Mas, diferentemente da violência no campo, que permanece tradicional, oligárquica, porém ainda voltada para conflitos que mobilizam interesses coletivos e ideologias revolucionárias, a violência nas cidades emerge de uma sinistra articulação entre mercados ilícitos que transacionam mercadorias orgiásticas (corpos, luxúria, drogas e armas) e mercadorias políticas (extorsão e corrupção praticadas com base no excesso de poder de agentes do Estado, interpretadas na gíria como "esculacho"). A oferta de proteção a criminosos, uma mercadoria política transacionada por agentes do Estado, é a contraparte da violência arbitrária que cria a demanda dessa mesma mercadoria. Essa articulação entre dois tipos de mercados ilícitos reproduz também a criminalidade convencional, mais desorganizada, baseada no furto, no roubo e no assassinato como acerto de contas ou vingança. Essa delinqüência segmentada fornece apoio e homens às elites do crime organizado, que dela se utiliza.
Começou no Rio de Janeiro dos anos 50 a primeira grande ruptura com o princípio da proporcionalidade da pena, tão caro ao direito moderno. Furtos não recebem penas de roubos, tráfico não recebe penas de homicídios. Quando uma pena ilegal comum -a morte- passou a ser praticada indiferentemente, a criminalidade mudou. Evidentemente, a ruptura não se deu nas instituições do Estado, e sim na informalidade dos grupos de extermínio e dos esquadrões da morte.
Com o apoio de parte da população, que via na execução sumária de ladrões e assaltantes a medida adequada da pena, introduziu-se definitivamente o receio da rendição -e a reação armada- entre os jovens que derivavam para os crimes contra o patrimônio. A ameaça concreta de ser morto por ser ladrão contribuiu para a mudança no padrão de criminalidade, mudança que também se transferiu para o tráfico de drogas. O aumento das taxas de homicídio, desde então, que passou da faixa de 5 por 100 mil na década de 40 para 10 por 100 mil na década seguinte, 20 por 100 mil nos anos 60, até chegar aos 50, 60, 70 por 100 mil nas décadas seguintes no Rio de Janeiro, já indicavam que uma parte significativa dos mortos era produzida em conflitos que envolviam os dois mercados ilícitos, os grupos de extermínio de ladrões e assaltantes e o confronto de criminosos com a polícia.
Infelizmente, não tenho ilusões quanto à possibilidade de se deter essa acumulação social da violência no curto prazo e mesmo no prazo de uma geração.
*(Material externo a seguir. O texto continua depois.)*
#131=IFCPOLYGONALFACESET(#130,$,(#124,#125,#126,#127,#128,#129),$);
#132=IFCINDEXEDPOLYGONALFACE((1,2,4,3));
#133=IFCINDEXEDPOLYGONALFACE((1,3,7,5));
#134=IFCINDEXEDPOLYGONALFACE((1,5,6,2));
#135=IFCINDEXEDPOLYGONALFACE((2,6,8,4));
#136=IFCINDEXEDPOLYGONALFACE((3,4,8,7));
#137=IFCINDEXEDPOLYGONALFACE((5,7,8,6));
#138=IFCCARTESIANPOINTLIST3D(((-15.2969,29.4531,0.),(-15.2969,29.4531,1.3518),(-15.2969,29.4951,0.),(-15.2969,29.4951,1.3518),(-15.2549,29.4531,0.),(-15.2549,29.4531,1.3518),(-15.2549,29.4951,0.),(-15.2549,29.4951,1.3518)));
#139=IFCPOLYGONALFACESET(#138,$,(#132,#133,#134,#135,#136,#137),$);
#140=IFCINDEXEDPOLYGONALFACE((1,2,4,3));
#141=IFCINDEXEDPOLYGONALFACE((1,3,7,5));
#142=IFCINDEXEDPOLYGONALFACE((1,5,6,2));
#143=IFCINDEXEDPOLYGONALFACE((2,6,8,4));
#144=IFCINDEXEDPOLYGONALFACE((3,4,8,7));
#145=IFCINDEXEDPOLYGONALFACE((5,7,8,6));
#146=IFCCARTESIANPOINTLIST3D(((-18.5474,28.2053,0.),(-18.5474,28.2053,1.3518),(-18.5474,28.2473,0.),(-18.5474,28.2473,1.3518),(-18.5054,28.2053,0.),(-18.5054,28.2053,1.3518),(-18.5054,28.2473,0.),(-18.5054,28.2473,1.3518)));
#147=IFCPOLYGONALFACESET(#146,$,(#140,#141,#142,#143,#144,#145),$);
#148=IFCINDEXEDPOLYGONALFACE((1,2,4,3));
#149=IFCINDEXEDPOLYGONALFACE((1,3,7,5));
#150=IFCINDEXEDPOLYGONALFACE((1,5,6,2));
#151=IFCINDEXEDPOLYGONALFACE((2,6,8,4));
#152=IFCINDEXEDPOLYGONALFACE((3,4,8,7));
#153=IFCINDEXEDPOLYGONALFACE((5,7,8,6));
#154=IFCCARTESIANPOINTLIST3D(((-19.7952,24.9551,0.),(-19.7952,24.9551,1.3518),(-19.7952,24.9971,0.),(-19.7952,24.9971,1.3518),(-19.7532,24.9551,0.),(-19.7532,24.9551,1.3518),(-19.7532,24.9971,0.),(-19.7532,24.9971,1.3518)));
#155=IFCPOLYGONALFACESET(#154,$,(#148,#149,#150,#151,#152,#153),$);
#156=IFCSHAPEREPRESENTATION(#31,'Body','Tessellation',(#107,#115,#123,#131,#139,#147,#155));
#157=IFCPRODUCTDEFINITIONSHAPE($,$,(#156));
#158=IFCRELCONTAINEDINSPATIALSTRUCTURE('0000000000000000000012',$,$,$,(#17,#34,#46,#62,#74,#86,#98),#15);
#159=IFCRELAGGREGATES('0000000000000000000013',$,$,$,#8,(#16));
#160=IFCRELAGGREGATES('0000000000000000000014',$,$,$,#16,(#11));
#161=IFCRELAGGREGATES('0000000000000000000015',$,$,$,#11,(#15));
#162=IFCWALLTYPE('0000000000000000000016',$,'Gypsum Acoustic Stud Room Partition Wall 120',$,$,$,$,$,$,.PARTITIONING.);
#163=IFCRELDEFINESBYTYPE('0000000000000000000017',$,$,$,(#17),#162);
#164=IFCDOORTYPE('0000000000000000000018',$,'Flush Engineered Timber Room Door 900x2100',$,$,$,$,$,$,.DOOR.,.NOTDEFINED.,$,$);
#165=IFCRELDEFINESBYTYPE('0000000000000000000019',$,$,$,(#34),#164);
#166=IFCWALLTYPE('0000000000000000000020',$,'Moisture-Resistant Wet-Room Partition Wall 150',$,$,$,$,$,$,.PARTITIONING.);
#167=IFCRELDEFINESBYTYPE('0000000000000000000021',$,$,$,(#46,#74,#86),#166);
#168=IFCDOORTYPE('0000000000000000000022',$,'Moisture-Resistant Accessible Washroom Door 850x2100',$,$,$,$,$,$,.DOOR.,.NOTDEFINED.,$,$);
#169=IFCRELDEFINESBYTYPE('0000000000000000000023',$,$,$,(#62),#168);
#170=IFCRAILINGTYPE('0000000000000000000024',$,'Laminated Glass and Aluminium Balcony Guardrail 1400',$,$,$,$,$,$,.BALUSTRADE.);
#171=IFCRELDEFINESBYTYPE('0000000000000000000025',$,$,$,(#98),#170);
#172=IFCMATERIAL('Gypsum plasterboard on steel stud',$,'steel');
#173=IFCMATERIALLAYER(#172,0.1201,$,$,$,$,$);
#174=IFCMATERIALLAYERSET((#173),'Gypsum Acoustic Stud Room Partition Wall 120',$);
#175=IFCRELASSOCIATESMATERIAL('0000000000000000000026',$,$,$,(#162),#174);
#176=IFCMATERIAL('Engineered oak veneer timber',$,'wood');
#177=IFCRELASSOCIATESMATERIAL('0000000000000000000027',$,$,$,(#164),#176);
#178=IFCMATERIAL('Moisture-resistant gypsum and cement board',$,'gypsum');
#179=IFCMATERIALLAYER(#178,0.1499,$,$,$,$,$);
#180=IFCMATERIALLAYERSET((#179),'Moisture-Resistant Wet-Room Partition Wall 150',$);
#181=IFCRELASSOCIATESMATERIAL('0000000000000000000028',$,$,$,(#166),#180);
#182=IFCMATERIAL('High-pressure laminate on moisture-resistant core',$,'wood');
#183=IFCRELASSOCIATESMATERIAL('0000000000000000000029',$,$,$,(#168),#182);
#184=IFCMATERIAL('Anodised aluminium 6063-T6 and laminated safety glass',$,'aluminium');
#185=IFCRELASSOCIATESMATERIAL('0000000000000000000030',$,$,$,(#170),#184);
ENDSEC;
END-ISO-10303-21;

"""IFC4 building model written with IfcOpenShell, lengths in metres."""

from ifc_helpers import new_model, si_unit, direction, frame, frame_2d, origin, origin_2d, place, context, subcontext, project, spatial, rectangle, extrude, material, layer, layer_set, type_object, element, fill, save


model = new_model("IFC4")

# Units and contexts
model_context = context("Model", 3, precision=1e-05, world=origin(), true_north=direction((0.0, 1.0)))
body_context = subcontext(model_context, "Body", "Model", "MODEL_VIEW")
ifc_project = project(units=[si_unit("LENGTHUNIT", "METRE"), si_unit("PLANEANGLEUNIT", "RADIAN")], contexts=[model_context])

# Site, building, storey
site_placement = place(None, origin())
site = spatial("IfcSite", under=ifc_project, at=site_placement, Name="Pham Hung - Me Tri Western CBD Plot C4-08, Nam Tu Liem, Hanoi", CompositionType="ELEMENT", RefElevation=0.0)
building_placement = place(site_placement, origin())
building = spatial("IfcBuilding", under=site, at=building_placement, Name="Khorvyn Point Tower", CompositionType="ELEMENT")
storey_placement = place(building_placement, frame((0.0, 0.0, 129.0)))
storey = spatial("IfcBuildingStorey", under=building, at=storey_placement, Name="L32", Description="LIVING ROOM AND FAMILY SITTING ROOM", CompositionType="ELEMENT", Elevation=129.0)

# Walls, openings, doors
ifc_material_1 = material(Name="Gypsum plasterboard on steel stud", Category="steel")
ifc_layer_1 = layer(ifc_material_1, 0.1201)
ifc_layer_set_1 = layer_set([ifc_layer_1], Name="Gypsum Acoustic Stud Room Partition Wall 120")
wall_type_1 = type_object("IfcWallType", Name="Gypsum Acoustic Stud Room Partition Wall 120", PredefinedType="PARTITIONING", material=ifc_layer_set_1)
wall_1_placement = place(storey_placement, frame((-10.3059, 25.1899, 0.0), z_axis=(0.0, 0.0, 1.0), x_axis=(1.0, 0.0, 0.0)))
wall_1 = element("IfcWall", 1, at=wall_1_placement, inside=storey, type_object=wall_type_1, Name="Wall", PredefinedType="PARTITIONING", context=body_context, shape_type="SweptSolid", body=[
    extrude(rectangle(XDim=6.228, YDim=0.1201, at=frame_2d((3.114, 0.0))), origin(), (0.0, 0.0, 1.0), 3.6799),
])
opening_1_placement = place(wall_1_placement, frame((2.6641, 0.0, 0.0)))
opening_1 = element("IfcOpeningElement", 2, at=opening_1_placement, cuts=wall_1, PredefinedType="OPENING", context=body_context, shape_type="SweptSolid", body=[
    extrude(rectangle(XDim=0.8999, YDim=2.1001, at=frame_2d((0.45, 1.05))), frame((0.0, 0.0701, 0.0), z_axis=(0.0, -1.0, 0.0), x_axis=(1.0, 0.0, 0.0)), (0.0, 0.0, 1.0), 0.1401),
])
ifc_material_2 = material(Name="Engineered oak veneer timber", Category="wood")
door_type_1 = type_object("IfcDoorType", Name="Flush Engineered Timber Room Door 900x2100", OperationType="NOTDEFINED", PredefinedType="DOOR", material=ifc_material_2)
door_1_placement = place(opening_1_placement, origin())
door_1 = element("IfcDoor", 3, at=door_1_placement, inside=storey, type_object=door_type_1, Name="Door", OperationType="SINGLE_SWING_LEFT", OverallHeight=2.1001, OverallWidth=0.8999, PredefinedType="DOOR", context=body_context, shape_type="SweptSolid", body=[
Profundas reformas nas instituições da administração da Justiça, a retomada do crescimento econômico de um modo sustentável, a continuidade e o aprofundamento das políticas de resgate da dívida social acumulada em décadas, a oferta de alternativas criativas de horizontes de trabalho e renda para os jovens excluídos, capaz de incorporar seus novos estilos de vida; a universalização do acesso à educação, à garantia de vida saudável e aos direitos civis aos filhos das classes menos favorecidas -são tantos os desafios que precisaremos enfrentar nas próximas décadas para reverter a acumulação social da violência que não me cabe acenar senão com um futuro próximo ainda sombrio, enquanto durarem os fatores que produzem o nosso atual mal-estar.


Michel Misse, professor de sociologia da Universidade Federal do Rio de Janeiro, é o autor de "Crime e Violência no Brasil Contemporâneo" (Lúmen Júris, 2006).